2. The method for digitally mapping old buildings based on air-ground collaborative point cloud fusion as described in claim 1, characterized in that, The interface perspective synchronization mechanism performs multi-view segmentation of the target spatiotemporal fusion data based on a sliding time axis according to the unified coordinate system of the spatiotemporal synchronization mechanism. The segmented perspectives include UAV view, ground robot view, and fused view. The sliding time axis is used for perspective synchronization backtracking. The point cloud curvature similarity of the target spatiotemporal fusion data after perspective synchronization backtracking is the same.
3. The method for digitally mapping old buildings based on air-ground collaborative point cloud fusion as described in claim 1, characterized in that, The process of fusing blind spot compensation data into spatiotemporal fusion data includes: Determine the overlapping area of the blind zone edge based on the host device and slave device; Extract the spatiotemporally aligned coordinates of the overlapping boundary regions that overlap with the blind zone edge in the top and bottom point cloud data on a unified coordinate system; Based on the coordinates of the overlapping boundary, the spatiotemporal fusion data of the blind zone compensation data and the overlapping area of the blind zone edge are bidirectionally projected to determine whether there are any anomalies in the compensation data; when the compensation data is anomaly, the texture feature parameters of the bidirectional projection are different.
4. The method for digital mapping of old buildings based on air-ground collaborative point cloud fusion as described in claim 1, characterized in that, The process of fusing blind spot compensation data into spatiotemporal fusion data also includes: Construct a database of architectural features for old buildings and identify functional areas with different architectural features; When there are blind spot compensation data that are unidentifiable feature blind spots, the functional areas in the building feature library are matched based on the target area where the feature blind spot is located, and active prediction compensation is performed when the match is consistent.
5. The method for digitally mapping old buildings based on air-ground collaborative point cloud fusion as described in claim 4, characterized in that, After fusing the blind spot compensation data into the spatiotemporal fusion data, the method further includes: Match the geometric and topological features of adjacent areas of the blind zone to generate a virtual point cloud with shape rules for functional areas based on architectural features; The curvature consistency of the virtual point cloud and the point cloud data of the host device is verified to determine whether the curvature error exceeds a preset threshold, and the virtual point cloud that does not exceed the preset threshold is used as the target data for blind zone compensation data.
6. The method for digitally mapping old buildings based on air-ground collaborative point cloud fusion as described in claim 5, characterized in that, When the curvature error does not exceed a preset threshold, it includes: The target region is divided into three sub-regions according to curvature distribution, and a differential error threshold is set. By fusing infrared thermal imaging and historical drawing data, a candidate point cloud is generated through a graph neural network. Candidate data are selected based on dynamic scoring of curvature continuity, texture consistency, and structural compliance. Generative adversarial networks are used for iterative optimization until the discriminant confidence difference is less than a preset threshold.

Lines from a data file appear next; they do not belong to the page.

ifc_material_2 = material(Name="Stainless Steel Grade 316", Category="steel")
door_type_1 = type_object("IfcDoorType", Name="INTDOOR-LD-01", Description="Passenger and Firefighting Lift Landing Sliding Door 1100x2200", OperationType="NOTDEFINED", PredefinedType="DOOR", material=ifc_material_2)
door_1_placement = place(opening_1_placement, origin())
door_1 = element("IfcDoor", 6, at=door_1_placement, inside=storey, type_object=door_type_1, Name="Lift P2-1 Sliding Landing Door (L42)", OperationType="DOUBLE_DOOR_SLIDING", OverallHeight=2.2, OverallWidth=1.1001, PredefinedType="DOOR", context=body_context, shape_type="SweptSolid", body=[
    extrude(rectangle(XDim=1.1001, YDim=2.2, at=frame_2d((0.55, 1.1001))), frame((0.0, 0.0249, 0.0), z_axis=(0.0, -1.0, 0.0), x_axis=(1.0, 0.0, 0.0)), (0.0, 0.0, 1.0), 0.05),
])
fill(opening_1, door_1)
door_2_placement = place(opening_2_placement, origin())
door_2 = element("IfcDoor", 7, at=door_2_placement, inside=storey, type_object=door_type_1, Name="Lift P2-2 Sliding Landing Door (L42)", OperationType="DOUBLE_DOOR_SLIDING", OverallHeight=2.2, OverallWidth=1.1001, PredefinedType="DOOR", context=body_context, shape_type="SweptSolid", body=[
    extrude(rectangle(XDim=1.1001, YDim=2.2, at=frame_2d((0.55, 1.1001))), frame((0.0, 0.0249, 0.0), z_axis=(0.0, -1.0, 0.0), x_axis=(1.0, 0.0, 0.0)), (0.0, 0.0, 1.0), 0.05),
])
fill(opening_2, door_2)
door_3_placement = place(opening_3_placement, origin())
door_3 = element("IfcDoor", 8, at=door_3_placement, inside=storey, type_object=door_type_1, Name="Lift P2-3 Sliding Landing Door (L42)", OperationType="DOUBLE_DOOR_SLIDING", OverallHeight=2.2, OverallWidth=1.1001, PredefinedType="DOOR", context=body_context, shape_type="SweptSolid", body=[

7. The method for digital mapping of old buildings based on air-ground collaborative point cloud fusion as described in claim 1, characterized in that, Before performing blind spot detection on the spatiotemporal fusion data scanned by UAV equipment and ground robots, the following steps are also included: The point cloud data collected by the UAV is divided into spatial grids, and the rate of change of point cloud density in each grid is detected. Only grids with a rate of change exceeding the threshold are incrementally encoded. High curvature feature points are extracted from the point cloud data collected by the ground robot as keyframes, and keyframe data is encoded and transmitted first. Establish a spatiotemporal mapping relationship between UAV incremental data blocks and robot keyframes; When data loss is detected in a certain device, related data is extracted from the data stream of another device based on the spatiotemporal mapping relationship and interpolated to complete the data.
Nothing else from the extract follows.